# And so I find myself here!



## bambino156

I don't really know quite where to start, I feel a bit silly and very selfish in how I'm feeling atm. We already have a beautiful 2.5 year old daughter and we found out today that we are now expecting a little boy. I didn't expect to feel this way, but I'm pretty gutted tbh. When I was expecting dd I actually quite liked the idea of having a boy, I would've been very happy, we didn't know what we were having so when dd popped out we were equally pleased. Having had 2.5 wonderful years with dd I've come to realise I love having a little girl, it's just everything about it. I really had my heart set on having another girl, a little sister for dd. So today when the sonographer said it looks like a little boy, my first reaction was "oh a little boy!" Now it has started to sink in I'm feeling allsorts of emotions, mostly negative ones. I just don't know how to get over this, how will I know what to do with a little boy? I don't have any boys names that I like. I don't like anything boyish, boys toys, boys clothes- they're all so dull and boring. Will I love him, even though deep down I wanted another girl? 
I feel bad for feeling this way, very self indulgent, there are many people that would love to just have a baby regardless of gender, but whom cant, and here I am complaining. I know in my heart that gender shouldn't matter, as long as he's healthy, but I can't get my head around it. 
Any help, advice or tales of similar feelings would be much appreciated. Thanks x


----------



## ILoveYouZandT

I'm not quite sure what to say. I guess first off, you don't have to know much about a boy to be an amazing mother TO a boy.

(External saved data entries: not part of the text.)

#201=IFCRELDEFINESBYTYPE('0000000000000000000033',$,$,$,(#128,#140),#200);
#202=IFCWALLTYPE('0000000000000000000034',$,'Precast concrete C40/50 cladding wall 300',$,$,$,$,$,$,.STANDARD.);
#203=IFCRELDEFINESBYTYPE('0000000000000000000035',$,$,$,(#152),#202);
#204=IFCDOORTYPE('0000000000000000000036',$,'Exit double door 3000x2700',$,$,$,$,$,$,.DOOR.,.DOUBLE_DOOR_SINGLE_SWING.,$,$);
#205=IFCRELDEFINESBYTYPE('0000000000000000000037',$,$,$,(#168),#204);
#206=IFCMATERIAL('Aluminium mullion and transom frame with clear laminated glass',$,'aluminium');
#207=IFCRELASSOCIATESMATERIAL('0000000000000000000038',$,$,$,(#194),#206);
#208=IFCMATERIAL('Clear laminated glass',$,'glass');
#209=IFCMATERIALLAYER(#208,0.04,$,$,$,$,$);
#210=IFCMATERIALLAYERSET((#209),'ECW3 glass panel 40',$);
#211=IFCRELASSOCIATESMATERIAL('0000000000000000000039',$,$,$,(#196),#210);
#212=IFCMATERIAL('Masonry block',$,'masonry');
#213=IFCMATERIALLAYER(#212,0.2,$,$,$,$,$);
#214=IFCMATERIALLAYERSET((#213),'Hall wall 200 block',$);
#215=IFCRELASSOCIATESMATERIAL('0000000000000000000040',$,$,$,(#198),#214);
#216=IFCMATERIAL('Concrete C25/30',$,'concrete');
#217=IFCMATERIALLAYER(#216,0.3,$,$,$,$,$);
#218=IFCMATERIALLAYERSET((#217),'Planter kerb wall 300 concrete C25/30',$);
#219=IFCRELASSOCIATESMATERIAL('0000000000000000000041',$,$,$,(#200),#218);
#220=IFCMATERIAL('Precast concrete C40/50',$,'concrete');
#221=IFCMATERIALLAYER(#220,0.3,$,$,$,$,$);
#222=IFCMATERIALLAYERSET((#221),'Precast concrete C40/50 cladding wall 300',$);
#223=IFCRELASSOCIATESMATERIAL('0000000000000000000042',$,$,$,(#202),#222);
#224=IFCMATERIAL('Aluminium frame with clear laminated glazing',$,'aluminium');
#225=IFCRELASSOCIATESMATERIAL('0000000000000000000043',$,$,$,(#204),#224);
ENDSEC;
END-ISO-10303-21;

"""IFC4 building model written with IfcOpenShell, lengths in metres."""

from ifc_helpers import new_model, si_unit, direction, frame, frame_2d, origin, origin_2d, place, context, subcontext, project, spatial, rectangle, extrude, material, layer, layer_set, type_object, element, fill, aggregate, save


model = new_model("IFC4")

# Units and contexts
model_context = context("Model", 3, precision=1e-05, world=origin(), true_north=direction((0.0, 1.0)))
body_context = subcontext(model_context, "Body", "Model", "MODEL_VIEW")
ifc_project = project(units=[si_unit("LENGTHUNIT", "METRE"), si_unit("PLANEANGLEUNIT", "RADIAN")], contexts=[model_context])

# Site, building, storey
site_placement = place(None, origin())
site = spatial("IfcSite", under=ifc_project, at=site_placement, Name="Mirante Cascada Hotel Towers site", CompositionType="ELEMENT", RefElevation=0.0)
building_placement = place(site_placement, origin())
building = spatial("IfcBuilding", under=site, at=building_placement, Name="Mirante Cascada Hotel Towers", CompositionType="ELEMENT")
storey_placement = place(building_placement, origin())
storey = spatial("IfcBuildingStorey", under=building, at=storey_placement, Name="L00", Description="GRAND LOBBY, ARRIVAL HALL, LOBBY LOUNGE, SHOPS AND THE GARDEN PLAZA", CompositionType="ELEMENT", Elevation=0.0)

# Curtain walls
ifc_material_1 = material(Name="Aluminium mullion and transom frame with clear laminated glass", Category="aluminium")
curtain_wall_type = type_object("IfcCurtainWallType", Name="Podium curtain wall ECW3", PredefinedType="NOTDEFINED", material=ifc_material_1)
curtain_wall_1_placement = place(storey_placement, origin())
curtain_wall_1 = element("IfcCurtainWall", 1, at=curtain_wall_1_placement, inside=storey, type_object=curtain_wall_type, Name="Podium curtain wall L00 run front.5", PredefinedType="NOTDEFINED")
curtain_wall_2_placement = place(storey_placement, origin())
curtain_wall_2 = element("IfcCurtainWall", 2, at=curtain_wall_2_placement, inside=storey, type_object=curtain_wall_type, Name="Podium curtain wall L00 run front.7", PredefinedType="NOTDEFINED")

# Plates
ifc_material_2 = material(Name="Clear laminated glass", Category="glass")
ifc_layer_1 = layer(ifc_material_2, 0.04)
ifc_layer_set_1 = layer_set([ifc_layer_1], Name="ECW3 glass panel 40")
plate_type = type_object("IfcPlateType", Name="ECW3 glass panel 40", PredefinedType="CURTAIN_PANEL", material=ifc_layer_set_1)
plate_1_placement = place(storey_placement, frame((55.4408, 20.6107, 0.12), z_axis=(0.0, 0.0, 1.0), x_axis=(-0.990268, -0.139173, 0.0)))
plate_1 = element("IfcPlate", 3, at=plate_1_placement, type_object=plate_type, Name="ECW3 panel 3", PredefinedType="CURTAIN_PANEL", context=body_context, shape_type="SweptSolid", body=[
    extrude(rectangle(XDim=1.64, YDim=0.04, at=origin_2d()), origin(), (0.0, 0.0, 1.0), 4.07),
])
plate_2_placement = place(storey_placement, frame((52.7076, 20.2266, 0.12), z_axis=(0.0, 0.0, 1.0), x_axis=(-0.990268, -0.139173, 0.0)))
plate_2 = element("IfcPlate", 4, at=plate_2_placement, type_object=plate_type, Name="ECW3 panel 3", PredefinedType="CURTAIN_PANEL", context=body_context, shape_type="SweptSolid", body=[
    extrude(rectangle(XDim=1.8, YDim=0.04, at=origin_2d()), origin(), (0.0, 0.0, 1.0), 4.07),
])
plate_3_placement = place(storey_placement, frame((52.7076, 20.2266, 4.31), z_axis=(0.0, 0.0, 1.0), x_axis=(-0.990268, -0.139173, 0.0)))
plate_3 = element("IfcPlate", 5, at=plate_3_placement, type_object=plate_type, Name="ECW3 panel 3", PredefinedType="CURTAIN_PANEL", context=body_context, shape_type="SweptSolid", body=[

I kind of get it. I'm expecting my first girl after two boys. I myself am mostly a Tomboy. I look around at the girls clothes and wonder how to use some of the pieces. I'm used to t-shirts and jeans for my boys! And this time around I was EXTREMELY DESPERATE for a little girl! 

But when you see that little person, YOUR new little person... You just love them. And you just know what to do. You will come to enjoy the same things he does, and everything he does will be so adorable. My 2 1/2 year old is the cutest bloody thing! I can't even look at him without a huge smile on my face because of how silly he is. And he was the one I REALLY wanted to be a girl. I'm so happy he wasn't.

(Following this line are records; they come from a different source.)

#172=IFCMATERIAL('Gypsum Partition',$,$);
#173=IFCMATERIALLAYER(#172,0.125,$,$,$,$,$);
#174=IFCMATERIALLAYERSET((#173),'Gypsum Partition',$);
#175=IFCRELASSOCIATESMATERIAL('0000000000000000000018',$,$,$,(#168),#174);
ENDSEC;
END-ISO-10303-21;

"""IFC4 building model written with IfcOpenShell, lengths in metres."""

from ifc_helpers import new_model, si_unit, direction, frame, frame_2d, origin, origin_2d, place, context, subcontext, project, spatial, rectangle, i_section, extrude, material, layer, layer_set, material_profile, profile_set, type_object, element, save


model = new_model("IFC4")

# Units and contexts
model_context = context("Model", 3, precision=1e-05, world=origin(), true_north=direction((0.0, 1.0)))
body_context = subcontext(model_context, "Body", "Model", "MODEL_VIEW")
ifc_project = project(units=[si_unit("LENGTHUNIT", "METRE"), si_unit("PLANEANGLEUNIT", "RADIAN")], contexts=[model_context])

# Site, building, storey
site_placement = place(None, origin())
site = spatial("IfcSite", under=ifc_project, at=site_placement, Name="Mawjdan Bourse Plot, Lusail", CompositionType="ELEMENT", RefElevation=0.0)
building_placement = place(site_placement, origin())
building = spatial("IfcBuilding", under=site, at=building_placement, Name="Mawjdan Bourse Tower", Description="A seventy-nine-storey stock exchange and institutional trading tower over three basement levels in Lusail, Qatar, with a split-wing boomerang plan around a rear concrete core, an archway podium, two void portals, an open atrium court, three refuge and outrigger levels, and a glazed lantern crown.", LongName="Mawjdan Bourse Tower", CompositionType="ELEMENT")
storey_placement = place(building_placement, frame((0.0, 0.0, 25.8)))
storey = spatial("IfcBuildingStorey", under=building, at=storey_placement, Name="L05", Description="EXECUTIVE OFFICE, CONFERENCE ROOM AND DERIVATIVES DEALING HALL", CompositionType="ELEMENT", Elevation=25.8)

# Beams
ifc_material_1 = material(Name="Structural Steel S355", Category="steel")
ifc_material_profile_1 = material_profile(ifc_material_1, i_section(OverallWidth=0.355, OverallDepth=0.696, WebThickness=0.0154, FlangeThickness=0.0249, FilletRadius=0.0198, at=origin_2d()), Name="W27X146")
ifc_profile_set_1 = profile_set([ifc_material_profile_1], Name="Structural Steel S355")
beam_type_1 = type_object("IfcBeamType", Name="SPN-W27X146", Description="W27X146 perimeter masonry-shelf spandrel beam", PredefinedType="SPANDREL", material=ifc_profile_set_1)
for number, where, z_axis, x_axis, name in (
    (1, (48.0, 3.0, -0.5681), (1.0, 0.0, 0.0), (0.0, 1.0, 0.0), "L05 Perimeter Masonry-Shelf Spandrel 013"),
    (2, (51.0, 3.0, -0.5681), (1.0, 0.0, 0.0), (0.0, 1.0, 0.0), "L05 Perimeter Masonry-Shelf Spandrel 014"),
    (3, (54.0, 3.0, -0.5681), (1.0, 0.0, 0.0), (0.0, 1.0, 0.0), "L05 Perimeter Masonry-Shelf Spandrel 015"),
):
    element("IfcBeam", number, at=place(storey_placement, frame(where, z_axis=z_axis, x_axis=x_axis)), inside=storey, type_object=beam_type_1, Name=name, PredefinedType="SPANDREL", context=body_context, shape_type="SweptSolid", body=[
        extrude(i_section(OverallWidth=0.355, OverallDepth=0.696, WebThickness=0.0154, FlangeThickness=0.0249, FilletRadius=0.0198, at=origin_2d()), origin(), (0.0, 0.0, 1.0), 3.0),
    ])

Your daughter and her little brother will be best little buddies. And don't think just because he's a boy he can't play with dolls or have tea parties. Because he can. Just the same as your little girl will play cars and dinosaurs with your son.


----------



## mrsholmes

I really wanted a girl on my first and was over the moon when I was told it was! However they got it wrong and it was a boy! BUT I love him sooooo much he's amazing I agree clothes are boring but boys toys are so much more exciting! U will love him I'm sure!


----------



## bambino156

mrsholmes said:


> I really wanted a girl on my first and was over the moon when I was told it was! However they got it wrong and it was a boy! BUT I love him sooooo much he's amazing I agree clothes are boring but boys toys are so much more exciting! U will love him I'm sure!

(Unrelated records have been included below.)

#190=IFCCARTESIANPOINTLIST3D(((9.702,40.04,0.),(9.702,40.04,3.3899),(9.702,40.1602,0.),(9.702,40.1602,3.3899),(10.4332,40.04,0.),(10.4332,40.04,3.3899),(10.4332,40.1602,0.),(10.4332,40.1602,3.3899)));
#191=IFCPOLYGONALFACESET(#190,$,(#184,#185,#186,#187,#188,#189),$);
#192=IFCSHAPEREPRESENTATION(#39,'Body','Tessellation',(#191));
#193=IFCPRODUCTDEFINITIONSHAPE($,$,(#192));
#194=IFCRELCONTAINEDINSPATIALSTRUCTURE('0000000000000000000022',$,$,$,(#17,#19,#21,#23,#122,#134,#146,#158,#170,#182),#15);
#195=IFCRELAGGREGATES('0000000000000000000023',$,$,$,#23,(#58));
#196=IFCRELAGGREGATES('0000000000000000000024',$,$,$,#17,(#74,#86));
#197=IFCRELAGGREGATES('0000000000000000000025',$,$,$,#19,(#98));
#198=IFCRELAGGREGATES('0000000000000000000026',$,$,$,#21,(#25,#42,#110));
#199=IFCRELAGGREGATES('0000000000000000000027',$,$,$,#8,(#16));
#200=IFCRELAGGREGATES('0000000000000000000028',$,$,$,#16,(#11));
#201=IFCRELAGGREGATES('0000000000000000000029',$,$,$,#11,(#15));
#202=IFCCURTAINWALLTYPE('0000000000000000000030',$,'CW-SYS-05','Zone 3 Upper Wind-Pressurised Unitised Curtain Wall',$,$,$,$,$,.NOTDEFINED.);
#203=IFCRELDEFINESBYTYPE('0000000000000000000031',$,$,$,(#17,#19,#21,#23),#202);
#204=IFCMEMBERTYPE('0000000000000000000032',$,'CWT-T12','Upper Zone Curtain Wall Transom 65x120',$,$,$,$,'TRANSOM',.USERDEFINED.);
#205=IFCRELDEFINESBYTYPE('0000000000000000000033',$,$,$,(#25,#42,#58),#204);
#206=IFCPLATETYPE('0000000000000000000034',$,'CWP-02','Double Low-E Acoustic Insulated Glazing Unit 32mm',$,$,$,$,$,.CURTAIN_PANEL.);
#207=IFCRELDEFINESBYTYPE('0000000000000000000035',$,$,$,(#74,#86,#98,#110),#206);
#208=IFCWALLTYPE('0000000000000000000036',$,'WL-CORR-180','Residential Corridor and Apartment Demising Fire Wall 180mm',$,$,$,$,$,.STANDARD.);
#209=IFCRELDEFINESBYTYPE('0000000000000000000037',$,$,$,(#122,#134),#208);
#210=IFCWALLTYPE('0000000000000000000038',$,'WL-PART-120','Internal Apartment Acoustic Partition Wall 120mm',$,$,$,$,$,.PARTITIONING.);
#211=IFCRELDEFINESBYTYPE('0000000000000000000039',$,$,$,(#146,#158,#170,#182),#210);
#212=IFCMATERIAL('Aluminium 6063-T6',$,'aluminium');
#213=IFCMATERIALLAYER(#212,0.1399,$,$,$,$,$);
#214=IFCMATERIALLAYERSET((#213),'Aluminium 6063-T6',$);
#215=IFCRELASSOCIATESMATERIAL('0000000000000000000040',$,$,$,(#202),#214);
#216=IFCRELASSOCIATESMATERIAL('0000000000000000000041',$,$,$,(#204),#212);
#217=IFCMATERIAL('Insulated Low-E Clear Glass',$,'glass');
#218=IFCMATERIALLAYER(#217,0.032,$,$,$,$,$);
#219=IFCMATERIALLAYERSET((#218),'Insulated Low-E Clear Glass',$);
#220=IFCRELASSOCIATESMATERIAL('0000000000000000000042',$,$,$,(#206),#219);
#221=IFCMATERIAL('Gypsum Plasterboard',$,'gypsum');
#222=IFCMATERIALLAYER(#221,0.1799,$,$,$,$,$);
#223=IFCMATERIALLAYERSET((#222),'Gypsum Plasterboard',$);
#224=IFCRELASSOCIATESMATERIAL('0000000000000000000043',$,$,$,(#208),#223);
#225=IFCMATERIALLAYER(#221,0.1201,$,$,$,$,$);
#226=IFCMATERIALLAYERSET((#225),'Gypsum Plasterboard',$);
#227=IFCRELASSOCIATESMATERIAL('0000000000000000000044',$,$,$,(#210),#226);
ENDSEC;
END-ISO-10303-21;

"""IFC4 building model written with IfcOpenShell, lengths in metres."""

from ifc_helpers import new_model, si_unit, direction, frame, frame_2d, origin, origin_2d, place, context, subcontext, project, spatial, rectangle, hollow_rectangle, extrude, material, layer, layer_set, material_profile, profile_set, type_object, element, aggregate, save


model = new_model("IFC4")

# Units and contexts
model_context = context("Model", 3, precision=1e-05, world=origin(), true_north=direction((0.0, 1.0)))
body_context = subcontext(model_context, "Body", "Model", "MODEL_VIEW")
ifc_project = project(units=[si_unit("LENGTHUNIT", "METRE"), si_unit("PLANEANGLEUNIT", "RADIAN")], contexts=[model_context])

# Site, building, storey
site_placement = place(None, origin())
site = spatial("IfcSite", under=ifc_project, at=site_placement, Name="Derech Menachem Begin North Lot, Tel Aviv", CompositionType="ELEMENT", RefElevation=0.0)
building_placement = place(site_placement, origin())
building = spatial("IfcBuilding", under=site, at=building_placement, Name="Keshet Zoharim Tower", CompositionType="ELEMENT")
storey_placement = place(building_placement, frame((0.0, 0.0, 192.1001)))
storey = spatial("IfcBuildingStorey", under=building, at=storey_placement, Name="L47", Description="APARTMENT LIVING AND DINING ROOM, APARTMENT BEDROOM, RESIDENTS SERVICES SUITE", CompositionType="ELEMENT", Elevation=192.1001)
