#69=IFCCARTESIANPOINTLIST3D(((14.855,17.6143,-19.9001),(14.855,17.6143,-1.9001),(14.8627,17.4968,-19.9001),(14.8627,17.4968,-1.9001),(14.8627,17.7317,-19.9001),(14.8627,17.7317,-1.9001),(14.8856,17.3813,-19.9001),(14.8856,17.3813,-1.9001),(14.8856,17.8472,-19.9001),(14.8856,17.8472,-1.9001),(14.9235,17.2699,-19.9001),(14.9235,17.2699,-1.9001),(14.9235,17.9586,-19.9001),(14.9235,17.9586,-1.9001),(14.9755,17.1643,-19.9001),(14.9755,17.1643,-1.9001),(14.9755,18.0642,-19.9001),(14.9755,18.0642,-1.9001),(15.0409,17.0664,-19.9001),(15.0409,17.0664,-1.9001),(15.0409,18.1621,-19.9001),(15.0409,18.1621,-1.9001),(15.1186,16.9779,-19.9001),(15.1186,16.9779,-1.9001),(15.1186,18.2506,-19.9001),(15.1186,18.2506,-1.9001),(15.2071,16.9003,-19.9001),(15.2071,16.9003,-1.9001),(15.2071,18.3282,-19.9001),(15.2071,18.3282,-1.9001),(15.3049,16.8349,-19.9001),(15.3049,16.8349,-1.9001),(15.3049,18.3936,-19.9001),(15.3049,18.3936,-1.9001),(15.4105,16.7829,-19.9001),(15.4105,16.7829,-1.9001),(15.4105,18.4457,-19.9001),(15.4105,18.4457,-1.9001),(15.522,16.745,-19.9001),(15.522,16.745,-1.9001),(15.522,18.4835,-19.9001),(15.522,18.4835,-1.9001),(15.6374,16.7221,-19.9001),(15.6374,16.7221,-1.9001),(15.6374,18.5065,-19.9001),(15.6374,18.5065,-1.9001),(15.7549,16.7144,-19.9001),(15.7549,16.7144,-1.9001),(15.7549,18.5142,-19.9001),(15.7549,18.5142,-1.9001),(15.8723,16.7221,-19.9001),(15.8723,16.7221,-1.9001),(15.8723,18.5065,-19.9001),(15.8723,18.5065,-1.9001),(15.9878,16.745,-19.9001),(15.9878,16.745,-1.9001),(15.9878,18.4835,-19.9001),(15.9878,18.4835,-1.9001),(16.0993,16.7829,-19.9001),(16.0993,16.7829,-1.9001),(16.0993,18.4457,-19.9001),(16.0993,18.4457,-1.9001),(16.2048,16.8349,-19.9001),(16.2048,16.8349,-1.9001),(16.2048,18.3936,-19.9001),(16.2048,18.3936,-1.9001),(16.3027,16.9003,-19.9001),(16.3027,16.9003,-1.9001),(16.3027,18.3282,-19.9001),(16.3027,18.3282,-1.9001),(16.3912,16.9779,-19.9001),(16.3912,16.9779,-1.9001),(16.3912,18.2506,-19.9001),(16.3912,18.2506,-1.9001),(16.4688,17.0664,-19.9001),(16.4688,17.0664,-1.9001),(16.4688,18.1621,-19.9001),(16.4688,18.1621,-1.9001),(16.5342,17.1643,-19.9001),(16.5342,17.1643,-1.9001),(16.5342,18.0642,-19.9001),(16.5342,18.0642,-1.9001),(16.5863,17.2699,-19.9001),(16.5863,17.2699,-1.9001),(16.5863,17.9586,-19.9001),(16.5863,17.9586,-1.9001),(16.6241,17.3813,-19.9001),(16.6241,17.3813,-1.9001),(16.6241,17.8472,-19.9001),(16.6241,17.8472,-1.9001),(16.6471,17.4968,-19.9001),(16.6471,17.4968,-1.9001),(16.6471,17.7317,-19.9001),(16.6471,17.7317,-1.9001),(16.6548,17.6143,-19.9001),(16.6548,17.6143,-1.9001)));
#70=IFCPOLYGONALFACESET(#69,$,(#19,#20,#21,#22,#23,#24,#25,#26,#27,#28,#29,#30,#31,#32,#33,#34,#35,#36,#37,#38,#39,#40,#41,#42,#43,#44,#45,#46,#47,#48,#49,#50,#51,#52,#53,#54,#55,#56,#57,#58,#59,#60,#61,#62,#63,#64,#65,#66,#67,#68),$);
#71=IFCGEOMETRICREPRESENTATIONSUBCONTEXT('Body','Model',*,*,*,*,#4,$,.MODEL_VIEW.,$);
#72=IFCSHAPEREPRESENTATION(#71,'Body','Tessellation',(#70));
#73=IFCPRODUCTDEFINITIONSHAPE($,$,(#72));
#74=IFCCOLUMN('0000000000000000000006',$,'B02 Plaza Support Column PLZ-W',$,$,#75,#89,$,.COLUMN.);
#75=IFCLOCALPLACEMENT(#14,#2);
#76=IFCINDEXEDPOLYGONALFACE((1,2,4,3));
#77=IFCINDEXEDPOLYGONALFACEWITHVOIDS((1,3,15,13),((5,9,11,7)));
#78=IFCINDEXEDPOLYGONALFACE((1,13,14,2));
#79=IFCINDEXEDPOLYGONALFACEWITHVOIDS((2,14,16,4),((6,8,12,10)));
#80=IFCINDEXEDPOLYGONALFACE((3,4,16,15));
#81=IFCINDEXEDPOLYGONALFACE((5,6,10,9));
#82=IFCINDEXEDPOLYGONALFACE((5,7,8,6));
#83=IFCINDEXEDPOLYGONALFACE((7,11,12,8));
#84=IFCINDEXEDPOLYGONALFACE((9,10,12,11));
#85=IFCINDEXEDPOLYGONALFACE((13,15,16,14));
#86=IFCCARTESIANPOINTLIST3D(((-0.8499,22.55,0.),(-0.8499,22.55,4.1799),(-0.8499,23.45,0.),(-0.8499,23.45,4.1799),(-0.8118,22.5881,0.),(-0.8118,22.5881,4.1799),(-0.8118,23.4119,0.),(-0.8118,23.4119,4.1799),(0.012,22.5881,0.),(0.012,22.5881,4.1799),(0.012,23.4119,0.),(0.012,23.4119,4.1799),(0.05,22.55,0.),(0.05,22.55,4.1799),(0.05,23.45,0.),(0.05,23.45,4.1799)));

Woah that must of been such a shock! Had you already bought lots of girls things? Xx


----------



## Macmad

I was in the same position as you only a week or so ago. I've got a gorgeous little girl and was 100% sure I was having another girl and that is all I wanted. When I found out it was a boy I too was gutted. I even cried over it and felt the same way as you. I couldn't understand my feelings and was so annoyed with myself for feeling like this. I have to say that I'm slowly coming to terms with it. I don't feel as strongly as I did. You will love your little boy just as much as your little girl when the time comes. It's hard when you had your heart set on another girl. Give it time xx


----------



## Dawnlouise30

i really wanted a girl when i was pregnant and we found out at our 20 week scan that he was a boy. Like you i had no boys names, i also felt that i would not know how to look after a boy, i felt boys were not as cute.... i really did feel lots of negative emotions and thoughts. as time passed and i started to buy blue things i started to come round a little, but still pined for that 'girl' that was in my head..... well fast forward and DS is now 9 weeks old and the most amazingly, adorable little boy i have met (of course i am biased). I now feel bad for feeling negativley in the first place but i acknowledge that it was a valid reaction at the time. 
I am sure in time you will feel differently about the news your having a boy.


----------



## Quartz

I was the same and even though part of me knew it would be a boy at the 20 week scan I hoped DS would be a girl. At the time I felt the same way as you but over time I realised that part of it was that DD was growing up and it happened at the same time as we were stopping going to her activities or she was grown up enough to do them herself and she was starting pre school and I was just as much pining for her as I was for the fact that DS was not a girl. 
Once he was born I realised for me at least in someways it was easier him being a boy as he could be him without comparison to DD. Also seeing OH with him made me realise how nice it was for him to have a son as well.
My main fear was that I did not feel any connection to my friends sons in the same way I did friends who had daughters but with mine it was completely different and I would not change him at all


----------



## ladykara

Today we were told it may be a boy and like you we wanted two girls, although I think my husband was more disappointed than me. I'm more worried about them not playing or growing up together like I did with my sister. 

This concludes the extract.